October 30, 2007


a disease characterised by excessive corpulence; especially that which exhibits itself in spite of the protestations of the flanorexic (vide infra) that their diet is perfectly healthy and low-calorie.

-Related forms
flanorexic – noun – one who quotes genetics as the cause of their seemingly-exponential weight gain whilst in the process of swallowing a whole slice of cheesecake.


An exciting new twist in the documented-via-the-medium-of-low-quality-mobile-phone demolition of 20 Fenchurch St—well—twisted over the weekend. For a while, I’ve been rather perplexed by the appearance of a large steel cradle wrapped around the concrete core of the building (see below). You can see it as the zig-zaggy bit where the first floor used to be. Until the appearance of the vertical I-beams in each corner (best seen on the mid-left of the pic), I had no idea what it was for. Were the savants at Keltbray going to lower floors 3 and 4 down the I-beams slowly onto the cradle?

number 20, mid october

NO! It’s so much better than that. Over the weekend,the cradle has been lifted up to directly underneath the 3rd floor, where one can only assume that the connectors at the top of the 4th floor will be cut—I saw some eager Keltbrayers wielding gas-axes at the top of 4— and then both floors will be gracefully lowered to the ground.

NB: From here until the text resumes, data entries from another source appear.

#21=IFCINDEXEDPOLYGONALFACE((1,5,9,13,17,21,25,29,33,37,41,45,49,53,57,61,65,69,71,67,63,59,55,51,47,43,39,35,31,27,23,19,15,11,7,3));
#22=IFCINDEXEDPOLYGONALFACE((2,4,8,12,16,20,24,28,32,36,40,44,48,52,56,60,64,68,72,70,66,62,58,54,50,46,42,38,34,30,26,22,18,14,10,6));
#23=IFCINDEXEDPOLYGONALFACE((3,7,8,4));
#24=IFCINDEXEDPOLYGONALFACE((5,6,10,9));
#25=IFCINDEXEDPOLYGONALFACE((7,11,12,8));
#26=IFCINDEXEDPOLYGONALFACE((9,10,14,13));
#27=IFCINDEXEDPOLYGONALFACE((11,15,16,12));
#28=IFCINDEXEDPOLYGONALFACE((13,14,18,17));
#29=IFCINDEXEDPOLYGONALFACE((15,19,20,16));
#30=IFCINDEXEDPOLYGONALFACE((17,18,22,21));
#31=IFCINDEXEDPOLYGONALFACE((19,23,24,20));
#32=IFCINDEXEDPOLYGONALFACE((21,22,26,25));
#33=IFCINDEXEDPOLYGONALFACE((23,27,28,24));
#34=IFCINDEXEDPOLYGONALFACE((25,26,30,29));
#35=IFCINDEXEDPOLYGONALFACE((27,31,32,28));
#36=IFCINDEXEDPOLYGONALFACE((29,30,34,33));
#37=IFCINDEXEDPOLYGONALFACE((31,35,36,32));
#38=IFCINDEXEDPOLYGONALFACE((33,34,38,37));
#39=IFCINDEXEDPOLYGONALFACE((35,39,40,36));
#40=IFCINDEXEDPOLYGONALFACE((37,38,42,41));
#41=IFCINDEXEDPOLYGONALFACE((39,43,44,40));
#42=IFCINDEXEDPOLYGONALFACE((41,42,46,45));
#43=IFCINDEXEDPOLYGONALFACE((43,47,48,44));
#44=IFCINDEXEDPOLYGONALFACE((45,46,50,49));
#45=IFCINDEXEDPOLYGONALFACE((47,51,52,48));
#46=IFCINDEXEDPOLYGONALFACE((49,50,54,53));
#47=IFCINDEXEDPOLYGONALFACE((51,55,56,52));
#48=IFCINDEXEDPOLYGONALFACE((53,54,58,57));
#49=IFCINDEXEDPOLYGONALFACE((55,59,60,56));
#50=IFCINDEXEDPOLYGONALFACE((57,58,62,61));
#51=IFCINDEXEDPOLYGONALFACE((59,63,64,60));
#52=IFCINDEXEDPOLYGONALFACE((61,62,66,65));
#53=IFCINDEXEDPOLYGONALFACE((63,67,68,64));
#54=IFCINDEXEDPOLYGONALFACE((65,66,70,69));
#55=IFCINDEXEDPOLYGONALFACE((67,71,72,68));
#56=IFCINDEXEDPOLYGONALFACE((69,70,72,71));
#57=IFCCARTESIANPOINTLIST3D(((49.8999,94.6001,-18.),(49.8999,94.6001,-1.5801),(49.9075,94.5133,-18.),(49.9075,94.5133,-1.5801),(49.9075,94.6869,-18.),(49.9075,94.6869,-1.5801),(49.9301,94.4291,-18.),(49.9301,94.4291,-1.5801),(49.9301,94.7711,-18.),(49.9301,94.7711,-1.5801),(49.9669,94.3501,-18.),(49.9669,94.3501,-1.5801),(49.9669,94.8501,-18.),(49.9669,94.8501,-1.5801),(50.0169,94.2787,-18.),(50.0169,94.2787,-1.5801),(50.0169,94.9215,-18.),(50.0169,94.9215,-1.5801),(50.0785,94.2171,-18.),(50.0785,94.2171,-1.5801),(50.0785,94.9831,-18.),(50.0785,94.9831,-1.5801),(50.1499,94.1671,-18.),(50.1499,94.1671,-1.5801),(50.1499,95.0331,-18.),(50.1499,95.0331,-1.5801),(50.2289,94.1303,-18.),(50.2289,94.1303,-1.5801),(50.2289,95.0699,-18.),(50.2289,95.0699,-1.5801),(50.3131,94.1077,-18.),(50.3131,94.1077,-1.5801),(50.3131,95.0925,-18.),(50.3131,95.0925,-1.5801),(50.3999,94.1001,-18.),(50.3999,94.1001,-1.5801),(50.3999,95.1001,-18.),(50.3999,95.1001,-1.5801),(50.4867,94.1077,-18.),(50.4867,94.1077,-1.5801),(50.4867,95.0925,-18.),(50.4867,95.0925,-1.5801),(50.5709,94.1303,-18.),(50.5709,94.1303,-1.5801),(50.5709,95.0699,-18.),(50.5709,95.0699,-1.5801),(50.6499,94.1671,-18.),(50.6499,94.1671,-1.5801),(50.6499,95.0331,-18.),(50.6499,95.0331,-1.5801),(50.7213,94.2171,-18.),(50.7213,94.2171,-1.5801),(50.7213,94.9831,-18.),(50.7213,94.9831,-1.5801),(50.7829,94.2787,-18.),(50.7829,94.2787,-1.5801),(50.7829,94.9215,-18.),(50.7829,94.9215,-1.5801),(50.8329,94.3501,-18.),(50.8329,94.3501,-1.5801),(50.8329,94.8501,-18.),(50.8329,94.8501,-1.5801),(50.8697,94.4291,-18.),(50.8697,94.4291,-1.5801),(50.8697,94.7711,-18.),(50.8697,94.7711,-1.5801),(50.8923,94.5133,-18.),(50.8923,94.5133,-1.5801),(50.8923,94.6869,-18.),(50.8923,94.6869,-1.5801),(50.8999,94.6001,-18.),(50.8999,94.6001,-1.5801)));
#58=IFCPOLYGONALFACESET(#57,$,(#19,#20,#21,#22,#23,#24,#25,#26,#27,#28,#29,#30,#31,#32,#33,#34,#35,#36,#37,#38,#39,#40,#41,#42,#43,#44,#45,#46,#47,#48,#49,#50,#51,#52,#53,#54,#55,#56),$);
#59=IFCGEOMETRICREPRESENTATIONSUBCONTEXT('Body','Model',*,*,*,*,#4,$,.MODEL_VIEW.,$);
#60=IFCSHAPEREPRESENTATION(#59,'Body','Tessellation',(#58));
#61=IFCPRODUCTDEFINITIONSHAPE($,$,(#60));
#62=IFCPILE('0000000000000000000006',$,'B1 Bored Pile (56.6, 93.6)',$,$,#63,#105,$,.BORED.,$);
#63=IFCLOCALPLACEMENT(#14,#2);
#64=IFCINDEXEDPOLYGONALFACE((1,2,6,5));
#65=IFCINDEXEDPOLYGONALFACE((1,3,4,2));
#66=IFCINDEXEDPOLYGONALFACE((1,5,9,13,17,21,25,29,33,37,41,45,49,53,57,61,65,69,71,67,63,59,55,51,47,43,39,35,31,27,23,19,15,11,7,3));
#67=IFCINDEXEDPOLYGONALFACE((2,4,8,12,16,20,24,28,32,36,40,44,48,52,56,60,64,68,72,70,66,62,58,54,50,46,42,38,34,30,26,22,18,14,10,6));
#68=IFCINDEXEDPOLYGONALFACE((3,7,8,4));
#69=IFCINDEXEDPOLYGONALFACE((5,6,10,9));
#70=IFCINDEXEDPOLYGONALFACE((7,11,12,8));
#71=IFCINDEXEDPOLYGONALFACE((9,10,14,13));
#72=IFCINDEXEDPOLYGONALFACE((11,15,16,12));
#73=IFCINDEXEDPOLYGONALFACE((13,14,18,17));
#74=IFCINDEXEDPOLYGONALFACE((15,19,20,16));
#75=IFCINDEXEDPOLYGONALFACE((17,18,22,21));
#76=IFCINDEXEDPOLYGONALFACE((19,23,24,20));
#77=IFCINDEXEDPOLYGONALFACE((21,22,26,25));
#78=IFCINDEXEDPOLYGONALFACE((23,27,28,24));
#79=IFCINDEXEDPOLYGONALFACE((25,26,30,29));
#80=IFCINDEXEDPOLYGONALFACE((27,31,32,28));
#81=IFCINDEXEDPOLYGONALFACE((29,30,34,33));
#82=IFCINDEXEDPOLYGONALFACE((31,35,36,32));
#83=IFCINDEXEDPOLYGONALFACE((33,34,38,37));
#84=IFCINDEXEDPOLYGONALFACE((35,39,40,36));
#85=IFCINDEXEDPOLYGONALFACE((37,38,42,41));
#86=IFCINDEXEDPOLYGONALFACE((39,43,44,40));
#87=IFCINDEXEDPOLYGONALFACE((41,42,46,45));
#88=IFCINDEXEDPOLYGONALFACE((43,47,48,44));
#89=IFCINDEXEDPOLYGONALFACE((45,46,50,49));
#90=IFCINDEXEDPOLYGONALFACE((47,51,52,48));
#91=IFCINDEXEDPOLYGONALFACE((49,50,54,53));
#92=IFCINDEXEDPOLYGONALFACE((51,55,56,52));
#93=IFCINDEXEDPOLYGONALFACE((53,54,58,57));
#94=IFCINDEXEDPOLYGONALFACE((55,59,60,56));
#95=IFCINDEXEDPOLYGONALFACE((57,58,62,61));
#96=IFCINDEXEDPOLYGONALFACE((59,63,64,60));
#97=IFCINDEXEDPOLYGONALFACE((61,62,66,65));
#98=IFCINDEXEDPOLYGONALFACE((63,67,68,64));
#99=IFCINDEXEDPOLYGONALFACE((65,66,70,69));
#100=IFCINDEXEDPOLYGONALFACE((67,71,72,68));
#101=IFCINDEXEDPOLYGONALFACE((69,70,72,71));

20 fenchurch street, late october

How great is that? Notice the zig-zaggy thing is now where the 2nd floor used to be, half way up the legs at either corner.

Although the approach being taken is so much less picturesque that good old fashioned shape charges and showmanship, you’ve just got to admire how the old place is coming down, no matter what you think of what’s going up in its place.


October 18, 2007

We find ourselves in interesting political times. With the resignation of Menzies Campbell, the LibDems are about to embark on their seemingly annual parade of weirdos. Yes – it’s leadership election time.

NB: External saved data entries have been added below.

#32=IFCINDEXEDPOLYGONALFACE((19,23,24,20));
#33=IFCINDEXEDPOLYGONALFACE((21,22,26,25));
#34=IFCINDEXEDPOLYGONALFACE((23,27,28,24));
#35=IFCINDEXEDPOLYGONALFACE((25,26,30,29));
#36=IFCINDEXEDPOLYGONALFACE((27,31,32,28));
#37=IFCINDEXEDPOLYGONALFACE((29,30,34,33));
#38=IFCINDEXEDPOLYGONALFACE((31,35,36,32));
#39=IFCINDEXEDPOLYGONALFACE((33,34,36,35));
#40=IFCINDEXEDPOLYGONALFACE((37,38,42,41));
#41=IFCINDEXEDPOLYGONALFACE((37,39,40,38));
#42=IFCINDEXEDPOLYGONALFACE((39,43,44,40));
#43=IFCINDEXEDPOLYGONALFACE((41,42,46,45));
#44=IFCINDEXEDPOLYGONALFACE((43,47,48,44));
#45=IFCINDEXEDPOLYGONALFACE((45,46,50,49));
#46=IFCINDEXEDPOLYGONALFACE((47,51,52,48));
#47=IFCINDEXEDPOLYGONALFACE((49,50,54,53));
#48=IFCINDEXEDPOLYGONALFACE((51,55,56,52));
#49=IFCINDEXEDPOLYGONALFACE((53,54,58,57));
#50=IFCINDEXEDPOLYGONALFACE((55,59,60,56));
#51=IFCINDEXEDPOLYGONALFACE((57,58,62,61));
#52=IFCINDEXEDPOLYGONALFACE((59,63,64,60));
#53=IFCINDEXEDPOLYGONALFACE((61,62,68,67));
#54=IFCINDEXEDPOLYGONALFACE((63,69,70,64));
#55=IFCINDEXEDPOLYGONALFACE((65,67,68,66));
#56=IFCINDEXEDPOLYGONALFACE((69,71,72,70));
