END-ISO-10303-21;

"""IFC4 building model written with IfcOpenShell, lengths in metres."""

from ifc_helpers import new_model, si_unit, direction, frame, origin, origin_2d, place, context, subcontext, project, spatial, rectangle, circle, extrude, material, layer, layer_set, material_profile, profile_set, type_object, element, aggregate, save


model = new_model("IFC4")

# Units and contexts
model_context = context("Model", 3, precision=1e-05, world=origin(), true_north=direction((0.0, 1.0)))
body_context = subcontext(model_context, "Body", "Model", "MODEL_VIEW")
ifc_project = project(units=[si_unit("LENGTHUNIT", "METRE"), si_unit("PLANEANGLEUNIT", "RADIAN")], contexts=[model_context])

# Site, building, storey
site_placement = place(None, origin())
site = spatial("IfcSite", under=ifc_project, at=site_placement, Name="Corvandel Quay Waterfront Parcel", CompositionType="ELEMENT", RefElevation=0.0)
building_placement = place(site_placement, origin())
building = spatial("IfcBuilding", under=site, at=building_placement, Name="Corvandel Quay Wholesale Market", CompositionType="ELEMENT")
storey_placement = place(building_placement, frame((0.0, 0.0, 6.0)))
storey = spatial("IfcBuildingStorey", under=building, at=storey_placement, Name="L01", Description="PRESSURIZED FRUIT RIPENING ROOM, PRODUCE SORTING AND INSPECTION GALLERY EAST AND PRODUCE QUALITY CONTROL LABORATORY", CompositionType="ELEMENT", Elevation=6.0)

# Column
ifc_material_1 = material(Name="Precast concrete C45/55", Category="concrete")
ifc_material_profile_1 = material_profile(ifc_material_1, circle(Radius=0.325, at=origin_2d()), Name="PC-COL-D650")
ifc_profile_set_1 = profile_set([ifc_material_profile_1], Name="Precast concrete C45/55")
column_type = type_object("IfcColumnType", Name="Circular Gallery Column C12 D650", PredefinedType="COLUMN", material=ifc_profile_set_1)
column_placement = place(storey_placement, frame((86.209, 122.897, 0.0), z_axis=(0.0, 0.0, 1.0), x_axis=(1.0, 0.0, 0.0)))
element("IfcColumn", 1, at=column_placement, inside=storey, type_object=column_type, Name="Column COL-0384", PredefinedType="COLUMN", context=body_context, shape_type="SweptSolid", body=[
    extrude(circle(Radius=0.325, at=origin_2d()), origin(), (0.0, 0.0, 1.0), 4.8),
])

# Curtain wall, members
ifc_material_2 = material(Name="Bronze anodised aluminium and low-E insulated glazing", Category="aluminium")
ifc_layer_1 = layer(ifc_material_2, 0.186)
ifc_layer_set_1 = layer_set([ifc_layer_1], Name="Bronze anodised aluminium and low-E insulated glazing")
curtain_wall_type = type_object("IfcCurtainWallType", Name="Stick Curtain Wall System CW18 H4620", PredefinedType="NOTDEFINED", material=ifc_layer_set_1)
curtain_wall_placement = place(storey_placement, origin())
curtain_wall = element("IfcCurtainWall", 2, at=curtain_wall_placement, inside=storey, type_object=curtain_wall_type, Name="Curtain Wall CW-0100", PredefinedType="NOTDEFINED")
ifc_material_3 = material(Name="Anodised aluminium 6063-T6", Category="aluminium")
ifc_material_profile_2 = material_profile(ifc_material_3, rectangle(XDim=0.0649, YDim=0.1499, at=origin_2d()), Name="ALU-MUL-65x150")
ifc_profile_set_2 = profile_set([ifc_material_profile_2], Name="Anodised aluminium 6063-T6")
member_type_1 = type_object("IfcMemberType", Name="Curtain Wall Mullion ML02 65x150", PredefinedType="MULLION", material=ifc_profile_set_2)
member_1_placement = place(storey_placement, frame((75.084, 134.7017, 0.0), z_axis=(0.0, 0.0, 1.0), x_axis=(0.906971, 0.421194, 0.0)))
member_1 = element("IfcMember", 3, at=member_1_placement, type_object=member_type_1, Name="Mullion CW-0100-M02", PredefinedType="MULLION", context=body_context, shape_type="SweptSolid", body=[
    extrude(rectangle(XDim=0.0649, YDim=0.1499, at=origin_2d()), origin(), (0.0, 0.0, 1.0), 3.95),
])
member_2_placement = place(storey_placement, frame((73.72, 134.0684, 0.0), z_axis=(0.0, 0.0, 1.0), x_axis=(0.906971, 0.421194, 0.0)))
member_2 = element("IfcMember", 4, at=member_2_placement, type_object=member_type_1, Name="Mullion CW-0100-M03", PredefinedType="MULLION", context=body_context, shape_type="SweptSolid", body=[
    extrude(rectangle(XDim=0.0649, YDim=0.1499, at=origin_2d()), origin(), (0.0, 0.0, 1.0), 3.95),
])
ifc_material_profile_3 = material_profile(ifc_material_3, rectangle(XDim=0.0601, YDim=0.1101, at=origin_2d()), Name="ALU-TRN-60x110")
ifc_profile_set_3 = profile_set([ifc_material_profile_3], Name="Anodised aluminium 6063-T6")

Likely to feature in this cavalcade of social outcasts is the political machine pictured below, which raises the question of nomenclature. Others have posited Lembriela as the portmanteau of choice. Personally, I cannot think of a worse choice. “Lembriela” is a lovely word. It scans well, and without too much imagination, one can see oneself sat on the shores of Lake Garda in the tiny village of Lembriela, enjoying the sunset, a cheeky glass of red, and a magnificent meal with a loved one. The word to describe the pair has to be “Gabbit”. Gabbit is an ugly, clunky word, thus making it perfectly suited to describe the ugly, clunky union between a pumpkin-on-a-stick and a socially-awkward, wonky-faced politico.


I trust that readers of the Mumblings will be discerning enough to make the right choice in this important matter of national significance.